Parte das doenças cardiovasculares, como infarto do miocárdio e insuficiência cardíaca, também é atribuída pelos autores à poluição atmosférica. A lista de males atribuídos pelos autores à poluição do ar é enorme. São citadas – todos com base em pesquisas – diabetes, obesidade, doenças endócrinas (nas glândulas), gastrointestinais, hematológicas (células do sangue) e do fígado. As consequências para a pele, segundo os pesquisadores, são várias – desde doenças como urticária e eczema até o envelhecimento precoce.
Uma esperança
Embora a poluição atmosférica tenha sido definida pela Organização Mundial de Saúde OMS) como “assassino silencioso” – considerando que seus efeitos muitas vezes passam despercebidos ou não são facilmente medidos – a boa notícia é que o problema da poluição do ar pode ser atenuado ou resolvido. Para isso, os autores do estudo afirmam ser necessário um grande esforço de autoridades, dos profissionais de saúde e das comunidades. Além de políticas para reduzir a emissão de poluentes por veículos, fábricas, usinas, incêndios florestais e outros meios, os cuidados de saúde relacionados a problemas decorrentes de poluição deve começar desde o nível primário de atendimento médico. As com unidades também devem unir esforços para garantir a implantação de medidas que reduzam as fontes poluidoras.
Principais poluentes
São gases tóxicos e vêm de várias fontes. Cada um tem características diferentes dependendo da composição, fonte e condições sob as quais foram produzidos
Dióxido de enxofre (SO2)
Proveniente principalmente da queima de diesel nos veículos pesados, carvão e petróleo em usinas de energia ou de fundição.
Monóxido de carbono (CO)
Resultado da combustão incompleta de combustíveis fósseis e de queimadas de florestas.
Óxido nítrico ou monóxido de nitrogênio (NO)
Produzido nos motores de combustão interna devido a sua alta temperatura, que promove a reação do oxigênio (O2) e nitrogênio (N2) atmosféricos.
Dióxido de nitrogênio (NO2)
Resultante da combustão de veículos automotores, motores de combustão interna, usinas termelétricas, siderúrgicas e incêndios florestais.
Gás ozônio (O3)
Formado a partir de óxidos de nitrogênio e hidrocarbonetos liberados na atmosfera pelas atividades de queima de combustíveis fósseis, volatilização de combustíveis, criação de animais e na agricultura.
OMS
O "novo tabaco"
O simples ato de respirar está matando 7 milhões de pessoas por ano e prejudicando outros bilhões.

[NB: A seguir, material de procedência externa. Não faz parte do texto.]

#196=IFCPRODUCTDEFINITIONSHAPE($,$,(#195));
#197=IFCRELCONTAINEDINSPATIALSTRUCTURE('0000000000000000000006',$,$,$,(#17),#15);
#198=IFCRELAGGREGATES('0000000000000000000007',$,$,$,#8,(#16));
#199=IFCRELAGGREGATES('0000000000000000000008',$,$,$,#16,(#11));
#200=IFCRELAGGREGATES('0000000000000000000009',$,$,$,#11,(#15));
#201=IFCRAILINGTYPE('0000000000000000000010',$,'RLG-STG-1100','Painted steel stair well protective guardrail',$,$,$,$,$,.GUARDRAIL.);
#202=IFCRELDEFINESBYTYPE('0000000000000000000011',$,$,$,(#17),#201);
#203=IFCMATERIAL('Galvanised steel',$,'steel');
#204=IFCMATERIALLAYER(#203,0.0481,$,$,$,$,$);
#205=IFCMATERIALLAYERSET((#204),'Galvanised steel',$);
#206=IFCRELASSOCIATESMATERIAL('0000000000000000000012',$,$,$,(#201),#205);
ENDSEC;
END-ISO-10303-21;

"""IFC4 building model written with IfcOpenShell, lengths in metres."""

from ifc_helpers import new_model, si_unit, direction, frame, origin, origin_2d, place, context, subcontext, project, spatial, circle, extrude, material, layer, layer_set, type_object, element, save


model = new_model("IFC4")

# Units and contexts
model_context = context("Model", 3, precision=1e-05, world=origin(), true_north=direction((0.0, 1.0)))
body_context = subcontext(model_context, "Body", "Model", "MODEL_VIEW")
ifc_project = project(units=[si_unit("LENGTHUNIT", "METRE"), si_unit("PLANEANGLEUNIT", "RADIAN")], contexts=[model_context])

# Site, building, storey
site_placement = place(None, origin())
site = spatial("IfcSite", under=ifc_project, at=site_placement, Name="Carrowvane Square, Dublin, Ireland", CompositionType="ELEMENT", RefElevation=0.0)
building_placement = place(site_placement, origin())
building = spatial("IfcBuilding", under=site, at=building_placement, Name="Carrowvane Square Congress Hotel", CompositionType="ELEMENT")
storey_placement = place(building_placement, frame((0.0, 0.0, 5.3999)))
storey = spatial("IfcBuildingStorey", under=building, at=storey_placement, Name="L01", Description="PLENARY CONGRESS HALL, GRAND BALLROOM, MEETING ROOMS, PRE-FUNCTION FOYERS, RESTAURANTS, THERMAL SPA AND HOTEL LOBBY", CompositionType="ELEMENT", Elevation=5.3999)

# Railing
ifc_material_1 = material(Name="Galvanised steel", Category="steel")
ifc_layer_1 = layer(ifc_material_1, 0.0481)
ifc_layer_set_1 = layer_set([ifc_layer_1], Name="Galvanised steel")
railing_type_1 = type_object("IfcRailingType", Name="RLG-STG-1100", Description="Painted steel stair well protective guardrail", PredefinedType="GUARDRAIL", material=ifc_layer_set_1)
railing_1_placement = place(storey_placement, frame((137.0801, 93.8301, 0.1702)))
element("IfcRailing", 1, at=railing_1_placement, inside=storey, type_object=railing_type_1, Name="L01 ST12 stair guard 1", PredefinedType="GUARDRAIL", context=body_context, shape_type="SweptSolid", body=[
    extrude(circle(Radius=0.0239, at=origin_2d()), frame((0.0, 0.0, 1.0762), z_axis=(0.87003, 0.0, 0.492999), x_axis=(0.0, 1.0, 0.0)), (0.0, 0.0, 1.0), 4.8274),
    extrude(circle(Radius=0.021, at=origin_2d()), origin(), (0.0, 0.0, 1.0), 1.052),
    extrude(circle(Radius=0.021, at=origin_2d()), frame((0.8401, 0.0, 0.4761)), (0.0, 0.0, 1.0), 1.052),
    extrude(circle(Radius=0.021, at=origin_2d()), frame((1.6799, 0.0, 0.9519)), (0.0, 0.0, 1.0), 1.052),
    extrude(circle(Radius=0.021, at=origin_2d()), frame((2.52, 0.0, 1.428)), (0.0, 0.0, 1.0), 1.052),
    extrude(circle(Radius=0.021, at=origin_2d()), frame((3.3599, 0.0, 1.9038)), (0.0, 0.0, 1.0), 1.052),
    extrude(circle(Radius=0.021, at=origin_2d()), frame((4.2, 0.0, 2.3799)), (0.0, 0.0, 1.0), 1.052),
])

A estimativa foi feita pelo diretor-geral da Organização Mundial de Saúde (OMS), Tedros Adhanom Ghebreyesus, durante a primeira Conferência Global sobre Poluição do Ar e Saúde, em outubro de 2018, na cidade de Genebra (Suiça).
Os dados levaram o chefe da agência da ONU a classificar a poluição atmosférica como o “novo tabaco”. “O mundo tem conseguido deixar o tabaco para trás. Agora, deve fazer o mesmo para o ‘novo tabaco’ – o ar tóxico que bilhões de pessoas respiram todos os dias ", disse Ghebreyesus ao classificar a poluição do ar como "uma nuvem de complacência permeia o planeta".